Wherein, comprise two groups in B-Box and control counting unit, be respectively MSR_B0_PMON_CTR1 and MSR_B1_PMON_CTR1.Write operation counting and the function controlled are defined in MSR_B0_PMON_EVNT_SEL1 and MSR_B1_PMON_EVNT_SEL1 two registers.Select, in position, to choose the read operation number of times that 0DH records three grades of buffer memorys, choose the write operation number of times that 18H records three grades of buffer memorys in function.In function masked bits, choose 07H and represent operation for DRAM.Acquisition module 420, by conbined usage function selection code and function mask, according to write operation number of times and the read operation number of times of three grades of buffer memorys with control for the operation of DRAM, can carry out record to the read-write operation number of times of three grades of buffer memorys.

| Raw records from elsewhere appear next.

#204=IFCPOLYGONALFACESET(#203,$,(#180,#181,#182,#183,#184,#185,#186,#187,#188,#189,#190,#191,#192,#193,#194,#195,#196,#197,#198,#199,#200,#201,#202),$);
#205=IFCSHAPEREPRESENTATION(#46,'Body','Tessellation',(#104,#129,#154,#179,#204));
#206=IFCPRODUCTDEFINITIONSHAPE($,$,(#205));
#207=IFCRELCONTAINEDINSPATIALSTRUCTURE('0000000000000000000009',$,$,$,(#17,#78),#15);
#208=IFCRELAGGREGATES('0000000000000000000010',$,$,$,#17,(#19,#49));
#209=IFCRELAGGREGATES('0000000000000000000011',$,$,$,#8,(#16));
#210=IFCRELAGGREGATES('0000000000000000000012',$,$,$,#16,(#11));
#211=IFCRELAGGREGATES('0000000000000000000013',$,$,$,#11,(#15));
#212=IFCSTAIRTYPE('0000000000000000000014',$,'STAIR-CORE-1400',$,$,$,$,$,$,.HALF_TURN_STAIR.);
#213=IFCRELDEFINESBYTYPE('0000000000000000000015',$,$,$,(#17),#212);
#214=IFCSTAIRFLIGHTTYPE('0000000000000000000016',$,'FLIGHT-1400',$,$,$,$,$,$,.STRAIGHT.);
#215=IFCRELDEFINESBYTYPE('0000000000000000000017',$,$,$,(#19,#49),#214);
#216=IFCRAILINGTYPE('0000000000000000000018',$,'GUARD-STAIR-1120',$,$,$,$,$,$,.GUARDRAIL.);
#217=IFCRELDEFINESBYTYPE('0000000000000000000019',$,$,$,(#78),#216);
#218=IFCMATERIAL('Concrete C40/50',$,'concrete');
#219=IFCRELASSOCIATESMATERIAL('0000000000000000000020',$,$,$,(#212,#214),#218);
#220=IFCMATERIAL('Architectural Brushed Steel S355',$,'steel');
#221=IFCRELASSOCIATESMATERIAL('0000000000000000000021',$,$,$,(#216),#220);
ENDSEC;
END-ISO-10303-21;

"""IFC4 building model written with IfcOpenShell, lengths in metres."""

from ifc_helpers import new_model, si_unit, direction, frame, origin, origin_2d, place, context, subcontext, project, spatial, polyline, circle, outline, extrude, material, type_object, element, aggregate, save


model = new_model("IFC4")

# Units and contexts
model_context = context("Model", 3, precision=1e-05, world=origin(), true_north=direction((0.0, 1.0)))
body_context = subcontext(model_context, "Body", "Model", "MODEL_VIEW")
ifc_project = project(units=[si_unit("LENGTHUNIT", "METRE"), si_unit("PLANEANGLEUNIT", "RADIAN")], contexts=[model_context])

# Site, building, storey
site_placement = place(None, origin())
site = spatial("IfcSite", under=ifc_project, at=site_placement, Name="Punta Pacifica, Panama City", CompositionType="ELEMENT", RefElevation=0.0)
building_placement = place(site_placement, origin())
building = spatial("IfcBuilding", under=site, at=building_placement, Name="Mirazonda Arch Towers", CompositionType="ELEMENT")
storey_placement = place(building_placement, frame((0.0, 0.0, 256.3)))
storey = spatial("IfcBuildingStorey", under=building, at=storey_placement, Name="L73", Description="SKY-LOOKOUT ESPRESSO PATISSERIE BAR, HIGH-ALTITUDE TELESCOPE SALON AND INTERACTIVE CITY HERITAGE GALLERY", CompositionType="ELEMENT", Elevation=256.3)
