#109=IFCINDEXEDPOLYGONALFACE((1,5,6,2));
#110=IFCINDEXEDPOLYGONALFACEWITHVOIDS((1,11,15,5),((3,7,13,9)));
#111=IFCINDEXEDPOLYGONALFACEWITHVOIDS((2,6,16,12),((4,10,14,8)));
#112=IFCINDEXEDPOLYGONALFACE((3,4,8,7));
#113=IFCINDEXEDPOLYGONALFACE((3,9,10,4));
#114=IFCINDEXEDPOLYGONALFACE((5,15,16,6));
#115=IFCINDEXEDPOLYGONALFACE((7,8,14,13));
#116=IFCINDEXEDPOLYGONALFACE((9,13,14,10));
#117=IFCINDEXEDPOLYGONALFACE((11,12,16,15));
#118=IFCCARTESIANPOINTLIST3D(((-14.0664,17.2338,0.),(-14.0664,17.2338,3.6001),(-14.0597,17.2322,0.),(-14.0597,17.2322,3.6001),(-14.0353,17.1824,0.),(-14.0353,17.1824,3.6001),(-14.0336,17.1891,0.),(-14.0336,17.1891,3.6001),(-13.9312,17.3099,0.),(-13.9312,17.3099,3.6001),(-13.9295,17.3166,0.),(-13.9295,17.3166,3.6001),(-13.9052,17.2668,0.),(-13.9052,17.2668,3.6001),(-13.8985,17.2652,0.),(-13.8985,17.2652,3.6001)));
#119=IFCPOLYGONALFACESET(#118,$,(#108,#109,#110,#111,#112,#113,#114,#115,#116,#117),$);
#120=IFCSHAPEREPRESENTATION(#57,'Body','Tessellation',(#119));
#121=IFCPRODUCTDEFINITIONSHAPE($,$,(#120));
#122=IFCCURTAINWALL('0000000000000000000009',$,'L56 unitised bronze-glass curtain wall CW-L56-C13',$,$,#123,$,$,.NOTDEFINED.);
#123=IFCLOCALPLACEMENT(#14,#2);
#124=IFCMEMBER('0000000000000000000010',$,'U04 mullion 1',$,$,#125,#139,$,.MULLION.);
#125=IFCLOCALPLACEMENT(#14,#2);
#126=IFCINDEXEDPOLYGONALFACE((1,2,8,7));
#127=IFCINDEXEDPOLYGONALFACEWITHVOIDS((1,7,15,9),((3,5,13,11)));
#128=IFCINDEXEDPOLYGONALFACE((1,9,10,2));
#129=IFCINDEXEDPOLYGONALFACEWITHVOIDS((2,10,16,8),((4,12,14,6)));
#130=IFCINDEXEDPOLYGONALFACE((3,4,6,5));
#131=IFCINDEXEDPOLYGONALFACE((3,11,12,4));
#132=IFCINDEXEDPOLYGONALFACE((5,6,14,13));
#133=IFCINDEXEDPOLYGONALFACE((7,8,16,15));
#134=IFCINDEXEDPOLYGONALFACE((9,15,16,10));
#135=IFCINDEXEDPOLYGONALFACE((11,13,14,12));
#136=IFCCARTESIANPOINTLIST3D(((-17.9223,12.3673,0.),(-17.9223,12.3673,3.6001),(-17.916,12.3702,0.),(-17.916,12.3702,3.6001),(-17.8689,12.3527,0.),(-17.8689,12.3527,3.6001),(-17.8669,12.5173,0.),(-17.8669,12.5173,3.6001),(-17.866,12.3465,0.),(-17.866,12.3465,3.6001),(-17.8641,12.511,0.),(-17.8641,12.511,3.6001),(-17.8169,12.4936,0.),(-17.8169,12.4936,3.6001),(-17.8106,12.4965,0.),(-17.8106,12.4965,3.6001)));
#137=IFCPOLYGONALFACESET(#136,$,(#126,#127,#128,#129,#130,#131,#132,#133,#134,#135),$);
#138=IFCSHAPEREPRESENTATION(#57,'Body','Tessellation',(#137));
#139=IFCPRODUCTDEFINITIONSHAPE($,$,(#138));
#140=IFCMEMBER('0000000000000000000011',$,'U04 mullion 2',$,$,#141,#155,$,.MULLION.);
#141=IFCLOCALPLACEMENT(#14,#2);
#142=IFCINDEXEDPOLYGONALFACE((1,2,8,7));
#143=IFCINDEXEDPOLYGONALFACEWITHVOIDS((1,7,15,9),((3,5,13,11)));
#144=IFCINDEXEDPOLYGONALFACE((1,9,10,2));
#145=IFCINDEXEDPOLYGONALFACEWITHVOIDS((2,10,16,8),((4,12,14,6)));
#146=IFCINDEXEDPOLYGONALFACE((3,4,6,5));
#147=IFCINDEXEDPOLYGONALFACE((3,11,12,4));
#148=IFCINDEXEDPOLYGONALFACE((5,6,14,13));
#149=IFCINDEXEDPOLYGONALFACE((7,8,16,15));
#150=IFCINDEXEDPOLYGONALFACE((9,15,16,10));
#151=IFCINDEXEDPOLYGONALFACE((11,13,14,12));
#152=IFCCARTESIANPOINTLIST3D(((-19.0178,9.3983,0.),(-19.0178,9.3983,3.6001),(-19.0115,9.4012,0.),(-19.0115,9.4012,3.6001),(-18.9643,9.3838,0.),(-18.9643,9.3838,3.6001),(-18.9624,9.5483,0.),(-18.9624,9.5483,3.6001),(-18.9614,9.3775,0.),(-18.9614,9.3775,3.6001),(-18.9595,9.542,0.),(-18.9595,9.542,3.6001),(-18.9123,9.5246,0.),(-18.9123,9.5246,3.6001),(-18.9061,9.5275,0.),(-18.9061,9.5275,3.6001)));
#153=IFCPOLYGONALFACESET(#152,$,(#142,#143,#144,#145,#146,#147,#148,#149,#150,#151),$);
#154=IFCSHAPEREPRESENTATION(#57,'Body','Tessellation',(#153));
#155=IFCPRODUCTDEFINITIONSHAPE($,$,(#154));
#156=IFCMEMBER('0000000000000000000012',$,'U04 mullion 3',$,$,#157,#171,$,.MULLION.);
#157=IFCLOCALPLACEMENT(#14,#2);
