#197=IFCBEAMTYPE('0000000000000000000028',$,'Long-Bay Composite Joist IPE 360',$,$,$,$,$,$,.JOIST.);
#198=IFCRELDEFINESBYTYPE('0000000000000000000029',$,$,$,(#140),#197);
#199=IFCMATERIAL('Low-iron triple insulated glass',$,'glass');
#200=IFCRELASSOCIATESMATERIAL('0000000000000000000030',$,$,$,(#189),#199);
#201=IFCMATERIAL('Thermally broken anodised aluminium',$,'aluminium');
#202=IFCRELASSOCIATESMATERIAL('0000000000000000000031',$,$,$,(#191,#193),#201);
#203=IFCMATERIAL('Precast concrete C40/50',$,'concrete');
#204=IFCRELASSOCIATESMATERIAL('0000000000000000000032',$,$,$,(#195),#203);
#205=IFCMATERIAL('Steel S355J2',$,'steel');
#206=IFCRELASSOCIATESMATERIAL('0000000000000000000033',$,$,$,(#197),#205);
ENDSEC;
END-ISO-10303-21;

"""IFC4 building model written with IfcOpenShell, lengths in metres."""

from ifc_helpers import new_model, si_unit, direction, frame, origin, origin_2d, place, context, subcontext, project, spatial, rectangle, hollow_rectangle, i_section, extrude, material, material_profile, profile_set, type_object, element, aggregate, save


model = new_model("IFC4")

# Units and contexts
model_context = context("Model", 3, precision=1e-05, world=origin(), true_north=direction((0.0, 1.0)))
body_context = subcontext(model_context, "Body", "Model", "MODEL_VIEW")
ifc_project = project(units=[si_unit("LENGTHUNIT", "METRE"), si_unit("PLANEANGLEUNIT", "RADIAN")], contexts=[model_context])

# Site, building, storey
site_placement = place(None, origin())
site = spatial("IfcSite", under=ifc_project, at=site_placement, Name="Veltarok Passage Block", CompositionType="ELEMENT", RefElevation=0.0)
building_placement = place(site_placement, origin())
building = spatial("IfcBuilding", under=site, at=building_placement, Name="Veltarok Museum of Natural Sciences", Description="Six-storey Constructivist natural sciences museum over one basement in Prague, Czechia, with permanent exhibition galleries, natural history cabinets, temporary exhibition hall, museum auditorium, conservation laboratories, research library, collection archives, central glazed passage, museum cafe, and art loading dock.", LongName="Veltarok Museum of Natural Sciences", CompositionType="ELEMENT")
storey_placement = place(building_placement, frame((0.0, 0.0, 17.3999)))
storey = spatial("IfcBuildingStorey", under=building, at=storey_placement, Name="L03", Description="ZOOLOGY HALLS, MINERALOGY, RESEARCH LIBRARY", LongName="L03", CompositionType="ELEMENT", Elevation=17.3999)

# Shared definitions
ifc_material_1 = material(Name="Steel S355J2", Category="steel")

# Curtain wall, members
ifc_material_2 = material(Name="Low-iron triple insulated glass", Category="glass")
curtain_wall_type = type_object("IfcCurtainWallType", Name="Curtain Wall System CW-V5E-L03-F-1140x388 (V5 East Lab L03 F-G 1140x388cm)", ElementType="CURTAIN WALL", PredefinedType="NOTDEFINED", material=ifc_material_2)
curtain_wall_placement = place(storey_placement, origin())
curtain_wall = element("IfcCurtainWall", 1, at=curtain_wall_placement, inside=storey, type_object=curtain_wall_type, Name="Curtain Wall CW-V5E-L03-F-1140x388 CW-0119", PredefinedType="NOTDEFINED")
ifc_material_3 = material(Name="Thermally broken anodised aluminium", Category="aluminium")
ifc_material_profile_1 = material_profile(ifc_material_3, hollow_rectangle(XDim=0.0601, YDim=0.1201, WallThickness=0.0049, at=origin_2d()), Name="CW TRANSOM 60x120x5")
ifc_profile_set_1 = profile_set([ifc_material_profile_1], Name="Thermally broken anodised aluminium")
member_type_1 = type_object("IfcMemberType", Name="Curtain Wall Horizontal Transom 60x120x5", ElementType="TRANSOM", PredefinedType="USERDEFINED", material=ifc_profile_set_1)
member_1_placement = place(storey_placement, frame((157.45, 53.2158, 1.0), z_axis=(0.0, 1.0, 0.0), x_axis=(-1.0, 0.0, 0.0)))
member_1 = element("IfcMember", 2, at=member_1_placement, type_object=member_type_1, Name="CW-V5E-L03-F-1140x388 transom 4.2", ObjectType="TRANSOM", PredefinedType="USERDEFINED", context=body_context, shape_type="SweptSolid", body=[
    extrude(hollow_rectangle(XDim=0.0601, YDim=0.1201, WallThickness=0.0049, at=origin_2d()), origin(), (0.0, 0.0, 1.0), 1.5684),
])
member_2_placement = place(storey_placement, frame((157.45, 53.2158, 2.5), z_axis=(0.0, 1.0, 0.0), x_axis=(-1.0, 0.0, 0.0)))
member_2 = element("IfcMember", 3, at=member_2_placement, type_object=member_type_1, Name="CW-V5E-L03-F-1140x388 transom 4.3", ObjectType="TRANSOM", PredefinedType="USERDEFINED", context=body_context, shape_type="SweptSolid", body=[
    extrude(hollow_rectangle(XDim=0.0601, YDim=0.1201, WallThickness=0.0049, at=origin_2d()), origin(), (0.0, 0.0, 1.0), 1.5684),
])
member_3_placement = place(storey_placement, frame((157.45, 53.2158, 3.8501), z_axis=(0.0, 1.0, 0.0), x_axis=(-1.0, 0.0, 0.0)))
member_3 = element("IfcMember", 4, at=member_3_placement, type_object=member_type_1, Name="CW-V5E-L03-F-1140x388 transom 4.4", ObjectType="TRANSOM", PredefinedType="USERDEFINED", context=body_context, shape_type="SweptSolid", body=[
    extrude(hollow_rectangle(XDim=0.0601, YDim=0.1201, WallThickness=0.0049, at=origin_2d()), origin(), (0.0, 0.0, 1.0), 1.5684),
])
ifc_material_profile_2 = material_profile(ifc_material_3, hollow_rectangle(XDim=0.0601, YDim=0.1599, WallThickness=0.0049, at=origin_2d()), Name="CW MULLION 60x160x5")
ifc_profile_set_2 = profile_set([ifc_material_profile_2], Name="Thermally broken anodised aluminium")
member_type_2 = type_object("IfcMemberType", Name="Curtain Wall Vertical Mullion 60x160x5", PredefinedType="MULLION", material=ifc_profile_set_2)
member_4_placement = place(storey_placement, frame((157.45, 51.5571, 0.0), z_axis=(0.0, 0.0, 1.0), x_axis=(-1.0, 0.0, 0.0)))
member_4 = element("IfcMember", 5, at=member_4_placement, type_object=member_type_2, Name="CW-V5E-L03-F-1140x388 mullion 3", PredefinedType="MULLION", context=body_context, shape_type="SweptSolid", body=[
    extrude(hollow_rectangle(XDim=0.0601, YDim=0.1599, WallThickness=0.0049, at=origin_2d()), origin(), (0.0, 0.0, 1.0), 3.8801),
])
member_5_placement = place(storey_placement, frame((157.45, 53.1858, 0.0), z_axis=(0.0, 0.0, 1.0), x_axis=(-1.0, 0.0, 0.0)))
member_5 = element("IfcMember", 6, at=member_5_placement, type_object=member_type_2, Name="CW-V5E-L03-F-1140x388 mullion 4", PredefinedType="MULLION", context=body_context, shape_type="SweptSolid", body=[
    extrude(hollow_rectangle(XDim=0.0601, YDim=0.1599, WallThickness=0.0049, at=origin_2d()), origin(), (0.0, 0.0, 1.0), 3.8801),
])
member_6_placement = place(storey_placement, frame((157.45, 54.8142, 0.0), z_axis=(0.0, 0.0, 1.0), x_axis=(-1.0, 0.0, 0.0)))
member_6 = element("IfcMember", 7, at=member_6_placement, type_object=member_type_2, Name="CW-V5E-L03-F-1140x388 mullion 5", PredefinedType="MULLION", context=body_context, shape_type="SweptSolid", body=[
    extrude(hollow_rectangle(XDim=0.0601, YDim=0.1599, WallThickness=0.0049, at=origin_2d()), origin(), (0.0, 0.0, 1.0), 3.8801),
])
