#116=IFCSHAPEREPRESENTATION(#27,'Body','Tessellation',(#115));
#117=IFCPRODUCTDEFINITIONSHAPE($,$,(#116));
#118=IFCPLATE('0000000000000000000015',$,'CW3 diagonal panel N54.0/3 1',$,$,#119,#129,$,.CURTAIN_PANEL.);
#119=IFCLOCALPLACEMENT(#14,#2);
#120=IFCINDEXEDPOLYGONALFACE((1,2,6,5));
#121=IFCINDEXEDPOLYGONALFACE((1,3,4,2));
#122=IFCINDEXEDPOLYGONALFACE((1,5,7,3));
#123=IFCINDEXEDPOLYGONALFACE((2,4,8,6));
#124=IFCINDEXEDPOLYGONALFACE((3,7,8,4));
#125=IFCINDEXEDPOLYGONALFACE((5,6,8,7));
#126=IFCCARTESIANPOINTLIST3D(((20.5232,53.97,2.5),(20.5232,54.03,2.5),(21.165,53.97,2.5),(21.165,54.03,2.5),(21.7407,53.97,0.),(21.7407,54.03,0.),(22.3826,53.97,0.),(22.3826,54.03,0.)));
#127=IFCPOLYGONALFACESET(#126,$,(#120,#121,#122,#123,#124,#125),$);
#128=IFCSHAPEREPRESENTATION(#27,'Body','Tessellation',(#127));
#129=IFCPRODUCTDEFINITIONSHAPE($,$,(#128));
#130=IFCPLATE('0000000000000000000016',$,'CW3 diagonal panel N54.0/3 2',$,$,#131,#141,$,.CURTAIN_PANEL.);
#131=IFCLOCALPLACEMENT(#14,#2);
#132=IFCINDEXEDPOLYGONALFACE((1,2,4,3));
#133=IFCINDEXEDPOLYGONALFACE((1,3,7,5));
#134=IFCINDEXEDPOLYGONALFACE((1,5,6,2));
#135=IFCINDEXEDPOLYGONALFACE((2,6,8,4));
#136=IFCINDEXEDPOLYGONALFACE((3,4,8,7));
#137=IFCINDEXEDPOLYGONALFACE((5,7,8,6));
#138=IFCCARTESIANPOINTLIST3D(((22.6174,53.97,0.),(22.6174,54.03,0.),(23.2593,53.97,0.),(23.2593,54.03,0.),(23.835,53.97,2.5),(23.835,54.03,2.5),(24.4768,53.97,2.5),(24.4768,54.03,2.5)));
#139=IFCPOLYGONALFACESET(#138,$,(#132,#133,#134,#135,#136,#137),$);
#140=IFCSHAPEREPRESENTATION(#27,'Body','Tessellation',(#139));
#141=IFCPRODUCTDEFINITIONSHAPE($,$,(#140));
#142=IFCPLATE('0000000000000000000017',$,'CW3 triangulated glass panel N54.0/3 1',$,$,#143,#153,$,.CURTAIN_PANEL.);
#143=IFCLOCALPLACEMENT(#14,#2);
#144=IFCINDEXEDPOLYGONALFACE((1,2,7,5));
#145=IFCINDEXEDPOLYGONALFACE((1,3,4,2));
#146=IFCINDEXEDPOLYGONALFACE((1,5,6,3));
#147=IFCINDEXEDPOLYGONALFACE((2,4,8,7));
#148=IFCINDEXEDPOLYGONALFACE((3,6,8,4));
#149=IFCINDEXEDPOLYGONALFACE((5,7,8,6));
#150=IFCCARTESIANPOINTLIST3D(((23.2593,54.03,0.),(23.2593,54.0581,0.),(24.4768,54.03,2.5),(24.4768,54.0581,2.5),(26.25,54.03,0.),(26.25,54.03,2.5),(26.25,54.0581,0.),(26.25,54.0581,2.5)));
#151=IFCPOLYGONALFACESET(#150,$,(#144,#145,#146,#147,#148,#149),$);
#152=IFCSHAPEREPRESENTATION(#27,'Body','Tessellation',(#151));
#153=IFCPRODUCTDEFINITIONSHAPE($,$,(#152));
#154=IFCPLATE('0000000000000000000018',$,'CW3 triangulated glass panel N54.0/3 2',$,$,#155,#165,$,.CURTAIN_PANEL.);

(3), when the type that detection module 410 detects CPU is SandyBridge-EP, the number of operations obtaining three grades of buffer memorys from the passage of memory system is needed.Acquisition module 420 utilizes mmap function that passages different for CPU is mapped to internal memory according to its base address, for mapped passage, utilize corresponding PmonCntr_0 and PmonCntr_1 two address spaces as read-write counter, the wherein function of PmonCntr_0 address space, specified by PmonCntrCfg_0 register, the function of PmonCntr_1 address space is specified by PmonCntrCfg_1 register, and wherein, PmonCntrCfg_x comprises function masked bits and function selects position.Concrete, in PmonCntrCfg_x, [15:8] is function masked bits, and [7:0] is function selection position.Acquisition module 420 selects the corresponding positions in position to carry out record to read-write number of times by read functions, and obtains read operation number of times and the write operation number of times of three grades of buffer memorys by the corresponding positions in read functions masked bits.Concrete, selecting in position in function, choosing 04H for carrying out record to read-write number of times.In function masked bits, choose 03H and record carried out to the read operation number of times of three grades of buffer memorys, choose 12H be to the write operation number of times of three grades of buffer memorys carry out recording acquisition module 420 according to read-write number of times and and the read operation number of times of three grades of buffer memorys and write operation number of times from passage, obtain the number of times of read-write three buffer memorys.Acquisition module 220 by conbined usage function selection code position and function masked bits, according to read-write number of times and and the read operation number of times of three grades of buffer memorys and write operation number of times, the number of times of read-write three grades of buffer memorys can be obtained from different passages.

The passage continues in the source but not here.